Located in the estate of Arbuthnott, the church is one of the oldest churches still in use for regular public worship in Scotland dating back to the pre-reformation days. Consecrated in 1242 the church was dedicated to the memory of St Ternan. The oldest part of the building is the chancel, with the rest of the building added around 1500. After the reformation the first minister was a member of the Arbuthnott family, who later went on to become a moderator of the Church of Scotland.

== Bervie Church ==
Inverbervie is the largest church within the parish with around 70 people attending worship every Sunday.

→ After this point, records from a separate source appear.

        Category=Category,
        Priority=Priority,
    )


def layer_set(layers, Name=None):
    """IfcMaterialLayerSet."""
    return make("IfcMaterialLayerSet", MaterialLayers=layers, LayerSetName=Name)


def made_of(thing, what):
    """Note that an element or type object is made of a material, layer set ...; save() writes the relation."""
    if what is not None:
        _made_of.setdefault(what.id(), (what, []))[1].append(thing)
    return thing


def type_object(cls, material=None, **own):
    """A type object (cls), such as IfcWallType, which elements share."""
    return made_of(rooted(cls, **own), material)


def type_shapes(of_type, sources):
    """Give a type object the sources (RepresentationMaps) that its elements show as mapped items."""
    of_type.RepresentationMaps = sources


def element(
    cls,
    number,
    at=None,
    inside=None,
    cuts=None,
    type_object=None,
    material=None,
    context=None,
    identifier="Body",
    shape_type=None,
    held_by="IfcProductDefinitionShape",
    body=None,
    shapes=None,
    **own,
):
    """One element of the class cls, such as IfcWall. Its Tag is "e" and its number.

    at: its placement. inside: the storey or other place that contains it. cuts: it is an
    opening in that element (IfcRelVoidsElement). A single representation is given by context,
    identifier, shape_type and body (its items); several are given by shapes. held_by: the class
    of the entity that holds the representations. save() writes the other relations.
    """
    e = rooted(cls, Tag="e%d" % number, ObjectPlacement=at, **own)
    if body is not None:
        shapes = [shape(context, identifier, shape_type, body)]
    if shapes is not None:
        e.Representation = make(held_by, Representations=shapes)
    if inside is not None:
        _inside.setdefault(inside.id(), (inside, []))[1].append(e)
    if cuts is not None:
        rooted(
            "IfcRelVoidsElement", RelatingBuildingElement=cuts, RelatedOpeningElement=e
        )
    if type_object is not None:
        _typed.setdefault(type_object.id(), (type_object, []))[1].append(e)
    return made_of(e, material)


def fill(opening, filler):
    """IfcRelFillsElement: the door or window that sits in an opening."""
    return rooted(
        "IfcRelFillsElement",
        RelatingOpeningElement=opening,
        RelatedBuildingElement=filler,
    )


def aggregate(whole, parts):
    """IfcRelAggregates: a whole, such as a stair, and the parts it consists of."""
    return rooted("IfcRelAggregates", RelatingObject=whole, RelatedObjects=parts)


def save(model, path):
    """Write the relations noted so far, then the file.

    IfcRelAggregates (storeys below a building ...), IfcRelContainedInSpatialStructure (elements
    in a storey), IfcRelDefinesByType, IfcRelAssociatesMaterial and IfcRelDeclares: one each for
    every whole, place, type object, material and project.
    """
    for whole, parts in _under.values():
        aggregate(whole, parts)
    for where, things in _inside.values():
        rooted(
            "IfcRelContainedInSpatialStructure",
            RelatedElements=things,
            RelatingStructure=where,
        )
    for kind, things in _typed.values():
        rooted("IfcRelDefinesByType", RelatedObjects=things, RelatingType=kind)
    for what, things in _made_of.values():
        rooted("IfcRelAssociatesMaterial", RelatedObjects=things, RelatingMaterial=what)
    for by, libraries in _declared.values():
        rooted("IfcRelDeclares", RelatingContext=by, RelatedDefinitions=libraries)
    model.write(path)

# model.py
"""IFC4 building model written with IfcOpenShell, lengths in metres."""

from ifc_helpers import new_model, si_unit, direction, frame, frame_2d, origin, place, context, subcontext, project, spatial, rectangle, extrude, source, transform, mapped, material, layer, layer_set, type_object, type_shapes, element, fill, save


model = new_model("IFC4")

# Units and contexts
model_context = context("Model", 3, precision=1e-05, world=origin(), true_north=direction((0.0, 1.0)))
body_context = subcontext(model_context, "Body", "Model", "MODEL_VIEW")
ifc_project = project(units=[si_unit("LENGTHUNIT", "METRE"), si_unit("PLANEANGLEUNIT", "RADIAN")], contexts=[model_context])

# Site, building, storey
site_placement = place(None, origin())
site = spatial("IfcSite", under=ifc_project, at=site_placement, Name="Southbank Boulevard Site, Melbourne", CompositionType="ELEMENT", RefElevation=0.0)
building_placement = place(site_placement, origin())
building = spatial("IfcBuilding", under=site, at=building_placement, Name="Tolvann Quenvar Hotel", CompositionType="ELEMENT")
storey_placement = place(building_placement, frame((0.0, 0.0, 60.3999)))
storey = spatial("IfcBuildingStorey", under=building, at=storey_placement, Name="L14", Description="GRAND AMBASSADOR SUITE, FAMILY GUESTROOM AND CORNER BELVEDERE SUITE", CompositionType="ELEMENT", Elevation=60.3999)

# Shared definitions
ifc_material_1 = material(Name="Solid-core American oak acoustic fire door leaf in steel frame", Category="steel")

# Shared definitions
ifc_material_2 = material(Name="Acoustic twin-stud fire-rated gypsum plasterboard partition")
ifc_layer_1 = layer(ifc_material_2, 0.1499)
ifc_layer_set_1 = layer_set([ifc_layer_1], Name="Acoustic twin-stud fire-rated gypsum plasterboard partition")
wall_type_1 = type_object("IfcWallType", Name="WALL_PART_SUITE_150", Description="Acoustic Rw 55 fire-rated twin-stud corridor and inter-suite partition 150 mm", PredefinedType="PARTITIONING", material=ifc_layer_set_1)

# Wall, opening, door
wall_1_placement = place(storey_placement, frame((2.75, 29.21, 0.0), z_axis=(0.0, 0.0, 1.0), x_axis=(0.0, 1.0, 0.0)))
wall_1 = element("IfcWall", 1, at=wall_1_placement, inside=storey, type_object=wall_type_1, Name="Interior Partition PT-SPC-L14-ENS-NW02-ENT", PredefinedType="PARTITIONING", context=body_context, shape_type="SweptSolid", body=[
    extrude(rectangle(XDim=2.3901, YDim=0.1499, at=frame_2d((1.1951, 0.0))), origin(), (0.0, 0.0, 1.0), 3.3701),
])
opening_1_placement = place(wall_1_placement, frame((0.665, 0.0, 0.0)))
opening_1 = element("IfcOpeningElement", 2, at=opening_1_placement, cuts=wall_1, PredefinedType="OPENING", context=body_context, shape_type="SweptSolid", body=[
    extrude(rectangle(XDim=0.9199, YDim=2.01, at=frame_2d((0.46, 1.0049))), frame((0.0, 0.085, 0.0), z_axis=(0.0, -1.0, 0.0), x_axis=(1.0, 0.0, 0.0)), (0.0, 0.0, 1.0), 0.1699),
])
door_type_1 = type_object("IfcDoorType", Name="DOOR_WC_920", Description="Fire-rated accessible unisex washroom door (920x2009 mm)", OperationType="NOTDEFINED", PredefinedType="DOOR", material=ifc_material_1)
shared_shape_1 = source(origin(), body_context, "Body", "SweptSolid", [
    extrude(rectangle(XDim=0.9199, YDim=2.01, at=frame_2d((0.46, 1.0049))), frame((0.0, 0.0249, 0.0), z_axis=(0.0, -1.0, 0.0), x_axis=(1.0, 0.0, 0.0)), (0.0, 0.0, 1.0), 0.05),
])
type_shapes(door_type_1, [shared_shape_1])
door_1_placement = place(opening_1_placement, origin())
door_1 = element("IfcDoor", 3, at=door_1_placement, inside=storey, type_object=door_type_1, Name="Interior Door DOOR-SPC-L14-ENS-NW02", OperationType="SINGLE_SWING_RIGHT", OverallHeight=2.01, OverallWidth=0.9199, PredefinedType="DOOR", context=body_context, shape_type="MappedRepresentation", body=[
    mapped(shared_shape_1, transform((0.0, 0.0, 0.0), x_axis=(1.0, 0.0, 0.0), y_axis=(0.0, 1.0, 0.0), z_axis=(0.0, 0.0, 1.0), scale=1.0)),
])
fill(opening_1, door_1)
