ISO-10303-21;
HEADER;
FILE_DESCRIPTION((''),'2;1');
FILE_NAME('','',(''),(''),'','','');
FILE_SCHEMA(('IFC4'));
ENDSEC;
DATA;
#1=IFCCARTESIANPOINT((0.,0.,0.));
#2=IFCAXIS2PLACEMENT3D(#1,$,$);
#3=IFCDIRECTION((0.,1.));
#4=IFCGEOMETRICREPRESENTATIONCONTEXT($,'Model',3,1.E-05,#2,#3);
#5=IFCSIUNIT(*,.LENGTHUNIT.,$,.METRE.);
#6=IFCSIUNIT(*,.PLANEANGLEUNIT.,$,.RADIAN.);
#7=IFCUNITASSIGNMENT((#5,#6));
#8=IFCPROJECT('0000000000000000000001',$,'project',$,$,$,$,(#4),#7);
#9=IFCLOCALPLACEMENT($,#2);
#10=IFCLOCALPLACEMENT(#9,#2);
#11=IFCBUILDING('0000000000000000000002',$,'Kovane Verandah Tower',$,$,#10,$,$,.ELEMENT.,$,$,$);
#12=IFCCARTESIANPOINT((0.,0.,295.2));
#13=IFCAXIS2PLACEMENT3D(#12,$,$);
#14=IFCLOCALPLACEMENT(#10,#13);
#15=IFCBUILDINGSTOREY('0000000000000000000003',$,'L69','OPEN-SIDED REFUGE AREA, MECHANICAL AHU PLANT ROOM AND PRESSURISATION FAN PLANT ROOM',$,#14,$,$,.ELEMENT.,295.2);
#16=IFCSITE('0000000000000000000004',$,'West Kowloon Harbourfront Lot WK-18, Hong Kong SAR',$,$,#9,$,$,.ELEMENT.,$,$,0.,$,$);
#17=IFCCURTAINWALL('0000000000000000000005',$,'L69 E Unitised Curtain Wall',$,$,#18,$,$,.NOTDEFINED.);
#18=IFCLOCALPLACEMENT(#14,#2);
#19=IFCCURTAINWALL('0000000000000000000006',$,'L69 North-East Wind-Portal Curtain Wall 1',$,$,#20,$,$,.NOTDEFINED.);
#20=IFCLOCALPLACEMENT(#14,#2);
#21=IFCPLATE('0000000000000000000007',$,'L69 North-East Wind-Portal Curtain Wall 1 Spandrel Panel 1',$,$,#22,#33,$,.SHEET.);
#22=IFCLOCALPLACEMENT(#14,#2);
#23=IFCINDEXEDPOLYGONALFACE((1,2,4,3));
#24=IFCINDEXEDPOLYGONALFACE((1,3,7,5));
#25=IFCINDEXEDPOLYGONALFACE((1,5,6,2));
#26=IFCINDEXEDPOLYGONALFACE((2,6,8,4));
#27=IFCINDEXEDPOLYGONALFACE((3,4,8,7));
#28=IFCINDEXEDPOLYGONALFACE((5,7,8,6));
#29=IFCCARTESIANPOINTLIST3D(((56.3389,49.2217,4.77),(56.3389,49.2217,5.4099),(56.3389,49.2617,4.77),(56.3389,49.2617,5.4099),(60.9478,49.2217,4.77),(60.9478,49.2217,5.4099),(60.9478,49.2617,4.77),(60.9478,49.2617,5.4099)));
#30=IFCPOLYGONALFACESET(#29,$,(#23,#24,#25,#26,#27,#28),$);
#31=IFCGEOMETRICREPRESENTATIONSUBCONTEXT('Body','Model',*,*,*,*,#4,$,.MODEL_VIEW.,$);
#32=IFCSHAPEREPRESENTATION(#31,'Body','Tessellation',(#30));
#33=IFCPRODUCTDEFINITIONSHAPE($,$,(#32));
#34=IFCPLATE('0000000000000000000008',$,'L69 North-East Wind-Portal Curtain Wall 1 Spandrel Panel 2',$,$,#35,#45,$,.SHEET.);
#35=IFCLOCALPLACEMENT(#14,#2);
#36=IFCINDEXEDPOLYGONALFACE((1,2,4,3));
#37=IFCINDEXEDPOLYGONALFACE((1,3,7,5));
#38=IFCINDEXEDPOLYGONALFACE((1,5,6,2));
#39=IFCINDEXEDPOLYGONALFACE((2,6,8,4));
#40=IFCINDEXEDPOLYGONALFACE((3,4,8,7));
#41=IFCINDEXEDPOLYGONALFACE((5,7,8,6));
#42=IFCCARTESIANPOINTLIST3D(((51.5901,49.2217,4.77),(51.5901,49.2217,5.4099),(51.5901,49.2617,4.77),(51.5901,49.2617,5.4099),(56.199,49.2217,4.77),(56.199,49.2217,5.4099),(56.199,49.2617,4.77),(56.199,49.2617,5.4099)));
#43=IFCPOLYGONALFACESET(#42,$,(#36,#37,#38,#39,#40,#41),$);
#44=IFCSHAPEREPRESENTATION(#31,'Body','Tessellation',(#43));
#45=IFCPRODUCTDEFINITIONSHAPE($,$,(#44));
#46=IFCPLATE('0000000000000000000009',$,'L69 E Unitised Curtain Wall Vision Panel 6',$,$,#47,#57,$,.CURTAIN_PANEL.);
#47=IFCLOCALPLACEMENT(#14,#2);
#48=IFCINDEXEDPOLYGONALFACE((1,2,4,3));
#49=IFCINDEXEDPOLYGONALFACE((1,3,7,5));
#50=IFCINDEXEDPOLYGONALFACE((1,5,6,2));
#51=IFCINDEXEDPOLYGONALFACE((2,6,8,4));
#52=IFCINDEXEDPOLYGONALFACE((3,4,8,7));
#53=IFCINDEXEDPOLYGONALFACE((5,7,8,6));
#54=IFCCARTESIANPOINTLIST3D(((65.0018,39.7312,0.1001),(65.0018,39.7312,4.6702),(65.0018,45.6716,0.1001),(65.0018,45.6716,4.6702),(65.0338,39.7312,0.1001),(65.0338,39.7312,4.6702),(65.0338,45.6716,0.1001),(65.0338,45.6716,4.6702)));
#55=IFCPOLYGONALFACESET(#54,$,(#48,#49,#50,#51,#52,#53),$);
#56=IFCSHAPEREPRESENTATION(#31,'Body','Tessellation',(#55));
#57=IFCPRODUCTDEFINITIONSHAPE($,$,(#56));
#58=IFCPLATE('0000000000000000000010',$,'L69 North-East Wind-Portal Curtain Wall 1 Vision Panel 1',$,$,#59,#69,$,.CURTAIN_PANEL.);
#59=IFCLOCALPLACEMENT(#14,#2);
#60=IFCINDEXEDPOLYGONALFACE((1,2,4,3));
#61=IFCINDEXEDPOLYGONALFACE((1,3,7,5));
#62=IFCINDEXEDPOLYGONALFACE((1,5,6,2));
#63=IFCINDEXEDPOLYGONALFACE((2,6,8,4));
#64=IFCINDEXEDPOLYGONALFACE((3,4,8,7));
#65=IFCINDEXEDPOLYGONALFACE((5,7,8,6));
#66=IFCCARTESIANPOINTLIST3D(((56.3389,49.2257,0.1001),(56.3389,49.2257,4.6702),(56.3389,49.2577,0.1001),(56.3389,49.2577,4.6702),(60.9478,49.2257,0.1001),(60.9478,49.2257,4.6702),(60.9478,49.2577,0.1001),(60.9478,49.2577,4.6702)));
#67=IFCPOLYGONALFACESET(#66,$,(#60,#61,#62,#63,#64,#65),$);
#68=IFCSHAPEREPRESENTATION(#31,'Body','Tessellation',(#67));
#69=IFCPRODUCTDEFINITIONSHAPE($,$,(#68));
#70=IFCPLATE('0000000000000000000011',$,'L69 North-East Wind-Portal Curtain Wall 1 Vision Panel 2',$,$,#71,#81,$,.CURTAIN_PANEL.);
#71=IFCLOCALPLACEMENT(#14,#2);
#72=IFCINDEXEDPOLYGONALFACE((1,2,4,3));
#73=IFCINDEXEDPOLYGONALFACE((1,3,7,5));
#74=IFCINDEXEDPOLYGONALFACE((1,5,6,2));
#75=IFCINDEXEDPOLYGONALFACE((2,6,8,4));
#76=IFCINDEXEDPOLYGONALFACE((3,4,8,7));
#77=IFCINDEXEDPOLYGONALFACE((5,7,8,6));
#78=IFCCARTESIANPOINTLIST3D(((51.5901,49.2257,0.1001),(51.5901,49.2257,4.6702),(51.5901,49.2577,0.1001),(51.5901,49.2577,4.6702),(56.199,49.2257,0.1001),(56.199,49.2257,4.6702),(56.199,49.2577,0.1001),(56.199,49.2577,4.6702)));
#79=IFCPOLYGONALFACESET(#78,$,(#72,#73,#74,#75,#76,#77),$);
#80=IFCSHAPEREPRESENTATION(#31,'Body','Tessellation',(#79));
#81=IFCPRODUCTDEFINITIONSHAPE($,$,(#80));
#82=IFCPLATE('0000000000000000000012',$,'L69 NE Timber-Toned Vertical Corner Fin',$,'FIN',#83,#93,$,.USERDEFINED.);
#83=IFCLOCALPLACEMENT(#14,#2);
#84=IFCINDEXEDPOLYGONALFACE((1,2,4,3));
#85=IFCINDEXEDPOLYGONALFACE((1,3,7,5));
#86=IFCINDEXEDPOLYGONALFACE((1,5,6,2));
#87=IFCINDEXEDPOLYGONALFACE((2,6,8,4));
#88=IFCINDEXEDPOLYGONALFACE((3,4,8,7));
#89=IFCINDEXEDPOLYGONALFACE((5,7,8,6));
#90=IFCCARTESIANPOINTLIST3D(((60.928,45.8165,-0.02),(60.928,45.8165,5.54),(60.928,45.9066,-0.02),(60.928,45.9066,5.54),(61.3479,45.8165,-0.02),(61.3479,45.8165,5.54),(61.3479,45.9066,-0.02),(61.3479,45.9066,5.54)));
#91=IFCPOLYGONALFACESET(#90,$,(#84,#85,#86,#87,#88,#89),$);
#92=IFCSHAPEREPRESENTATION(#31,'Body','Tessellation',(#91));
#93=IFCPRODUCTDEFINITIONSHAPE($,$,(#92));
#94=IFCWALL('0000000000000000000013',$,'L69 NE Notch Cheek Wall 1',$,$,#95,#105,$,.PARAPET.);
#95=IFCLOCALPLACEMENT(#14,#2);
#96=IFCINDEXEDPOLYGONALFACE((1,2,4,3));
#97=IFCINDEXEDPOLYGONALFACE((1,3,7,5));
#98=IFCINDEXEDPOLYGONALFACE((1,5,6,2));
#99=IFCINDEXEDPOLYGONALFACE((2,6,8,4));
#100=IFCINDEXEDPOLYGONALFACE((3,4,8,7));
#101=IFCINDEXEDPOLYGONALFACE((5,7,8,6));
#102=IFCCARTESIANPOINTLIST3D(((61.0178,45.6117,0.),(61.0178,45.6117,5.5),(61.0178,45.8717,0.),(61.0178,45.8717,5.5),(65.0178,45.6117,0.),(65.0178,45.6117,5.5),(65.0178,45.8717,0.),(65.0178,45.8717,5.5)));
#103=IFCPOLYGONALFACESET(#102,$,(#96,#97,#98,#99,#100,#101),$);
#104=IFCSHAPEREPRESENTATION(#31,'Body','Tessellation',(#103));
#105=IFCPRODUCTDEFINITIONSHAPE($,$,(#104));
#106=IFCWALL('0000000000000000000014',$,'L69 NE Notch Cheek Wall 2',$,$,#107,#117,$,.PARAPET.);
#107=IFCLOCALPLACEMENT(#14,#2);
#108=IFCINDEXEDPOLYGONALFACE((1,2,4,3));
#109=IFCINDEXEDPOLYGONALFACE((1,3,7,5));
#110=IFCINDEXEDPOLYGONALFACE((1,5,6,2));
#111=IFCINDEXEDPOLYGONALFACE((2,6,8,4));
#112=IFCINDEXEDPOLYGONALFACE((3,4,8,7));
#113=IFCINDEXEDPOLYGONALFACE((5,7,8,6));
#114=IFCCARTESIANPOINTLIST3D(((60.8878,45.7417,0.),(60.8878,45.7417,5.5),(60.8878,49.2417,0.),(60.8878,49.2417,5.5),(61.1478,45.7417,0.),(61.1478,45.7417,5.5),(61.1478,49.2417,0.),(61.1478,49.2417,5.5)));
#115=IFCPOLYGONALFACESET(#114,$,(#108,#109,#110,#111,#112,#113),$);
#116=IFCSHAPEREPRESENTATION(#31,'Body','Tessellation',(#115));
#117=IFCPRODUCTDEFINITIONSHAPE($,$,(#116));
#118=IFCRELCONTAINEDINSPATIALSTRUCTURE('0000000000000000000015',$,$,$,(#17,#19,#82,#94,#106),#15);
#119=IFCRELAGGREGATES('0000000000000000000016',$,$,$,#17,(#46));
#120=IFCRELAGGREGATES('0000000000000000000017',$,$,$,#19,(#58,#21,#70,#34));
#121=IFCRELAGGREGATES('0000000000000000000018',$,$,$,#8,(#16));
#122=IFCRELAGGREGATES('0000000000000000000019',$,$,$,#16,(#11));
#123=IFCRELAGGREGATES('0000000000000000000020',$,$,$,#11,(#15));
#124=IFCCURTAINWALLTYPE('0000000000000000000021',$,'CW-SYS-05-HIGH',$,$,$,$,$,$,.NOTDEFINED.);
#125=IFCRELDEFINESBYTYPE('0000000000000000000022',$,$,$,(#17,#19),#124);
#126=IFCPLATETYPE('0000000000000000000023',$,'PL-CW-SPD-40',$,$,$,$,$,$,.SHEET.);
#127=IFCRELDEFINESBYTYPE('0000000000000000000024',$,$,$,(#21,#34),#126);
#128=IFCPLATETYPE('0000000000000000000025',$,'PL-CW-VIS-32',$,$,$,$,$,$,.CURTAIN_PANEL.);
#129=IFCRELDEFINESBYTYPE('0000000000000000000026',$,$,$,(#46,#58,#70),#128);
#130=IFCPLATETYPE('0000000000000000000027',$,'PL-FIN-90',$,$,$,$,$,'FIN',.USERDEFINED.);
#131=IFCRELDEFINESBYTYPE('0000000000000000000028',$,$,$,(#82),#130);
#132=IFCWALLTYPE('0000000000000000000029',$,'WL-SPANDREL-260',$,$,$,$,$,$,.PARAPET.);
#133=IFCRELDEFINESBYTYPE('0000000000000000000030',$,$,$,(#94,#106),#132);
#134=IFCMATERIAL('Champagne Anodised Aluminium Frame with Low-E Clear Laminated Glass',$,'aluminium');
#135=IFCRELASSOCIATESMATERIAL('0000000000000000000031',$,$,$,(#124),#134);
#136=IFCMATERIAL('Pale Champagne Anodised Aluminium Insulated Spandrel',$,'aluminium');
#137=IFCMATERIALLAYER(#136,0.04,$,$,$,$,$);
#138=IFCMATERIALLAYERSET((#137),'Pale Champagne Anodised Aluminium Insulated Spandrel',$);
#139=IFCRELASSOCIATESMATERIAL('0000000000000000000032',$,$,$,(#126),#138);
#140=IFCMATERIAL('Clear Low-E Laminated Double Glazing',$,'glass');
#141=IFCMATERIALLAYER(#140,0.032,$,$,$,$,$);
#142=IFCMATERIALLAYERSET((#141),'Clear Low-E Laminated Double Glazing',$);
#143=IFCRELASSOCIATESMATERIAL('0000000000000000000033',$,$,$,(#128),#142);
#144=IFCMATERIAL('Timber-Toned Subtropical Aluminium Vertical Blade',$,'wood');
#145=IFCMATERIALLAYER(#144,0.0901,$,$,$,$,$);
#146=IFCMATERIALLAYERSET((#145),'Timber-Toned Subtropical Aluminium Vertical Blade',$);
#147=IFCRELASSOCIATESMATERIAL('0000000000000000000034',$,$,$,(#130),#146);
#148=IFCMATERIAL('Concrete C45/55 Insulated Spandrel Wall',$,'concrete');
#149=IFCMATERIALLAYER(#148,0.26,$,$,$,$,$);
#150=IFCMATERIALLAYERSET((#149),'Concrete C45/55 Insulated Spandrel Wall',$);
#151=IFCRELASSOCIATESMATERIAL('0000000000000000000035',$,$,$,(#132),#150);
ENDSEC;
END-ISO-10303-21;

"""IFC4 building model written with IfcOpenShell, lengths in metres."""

from ifc_helpers import new_model, si_unit, direction, frame, frame_2d, origin, origin_2d, place, context, subcontext, project, spatial, rectangle, extrude, material, layer, layer_set, type_object, element, aggregate, save


model = new_model("IFC4")

# Units and contexts
model_context = context("Model", 3, precision=1e-05, world=origin(), true_north=direction((0.0, 1.0)))
body_context = subcontext(model_context, "Body", "Model", "MODEL_VIEW")
ifc_project = project(units=[si_unit("LENGTHUNIT", "METRE"), si_unit("PLANEANGLEUNIT", "RADIAN")], contexts=[model_context])

# Site, building, storey
site_placement = place(None, origin())
site = spatial("IfcSite", under=ifc_project, at=site_placement, Name="West Kowloon Harbourfront Lot WK-18, Hong Kong SAR", CompositionType="ELEMENT", RefElevation=0.0)
building_placement = place(site_placement, origin())
building = spatial("IfcBuilding", under=site, at=building_placement, Name="Kovane Verandah Tower", CompositionType="ELEMENT")
storey_placement = place(building_placement, frame((0.0, 0.0, 295.2)))
storey = spatial("IfcBuildingStorey", under=building, at=storey_placement, Name="L69", Description="OPEN-SIDED REFUGE AREA, MECHANICAL AHU PLANT ROOM AND PRESSURISATION FAN PLANT ROOM", CompositionType="ELEMENT", Elevation=295.2)

# Curtain wall
ifc_material_1 = material(Name="Champagne Anodised Aluminium Frame with Low-E Clear Laminated Glass", Category="aluminium")
curtain_wall_type = type_object("IfcCurtainWallType", Name="CW-SYS-05-HIGH", PredefinedType="NOTDEFINED", material=ifc_material_1)
curtain_wall_1_placement = place(storey_placement, origin())
curtain_wall_1 = element("IfcCurtainWall", 1, at=curtain_wall_1_placement, inside=storey, type_object=curtain_wall_type, Name="L69 E Unitised Curtain Wall", PredefinedType="NOTDEFINED")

The current church building, located in the centre of town, opened in 1837. The pipe organ was installed in 1904 and new stained glass doors designed by the pupils of Bervie School were added to mark the millennium.

== Kinneff Church ==
Kinneff, despite its relatively small size, is home to two church buildings. The Kinneff Old Church, now owned and managed by Kinneff Old Church Trust, as well as the newer Kinneff Church, built originally as a Free Church. The former was closed in the middle of the 20th Century. After a congregational meeting in April 2010 it was decided to close the newer Kinneff Church also. Kinneff Church closed on Sunday 13 June 2010, and has now been converted into residential housing.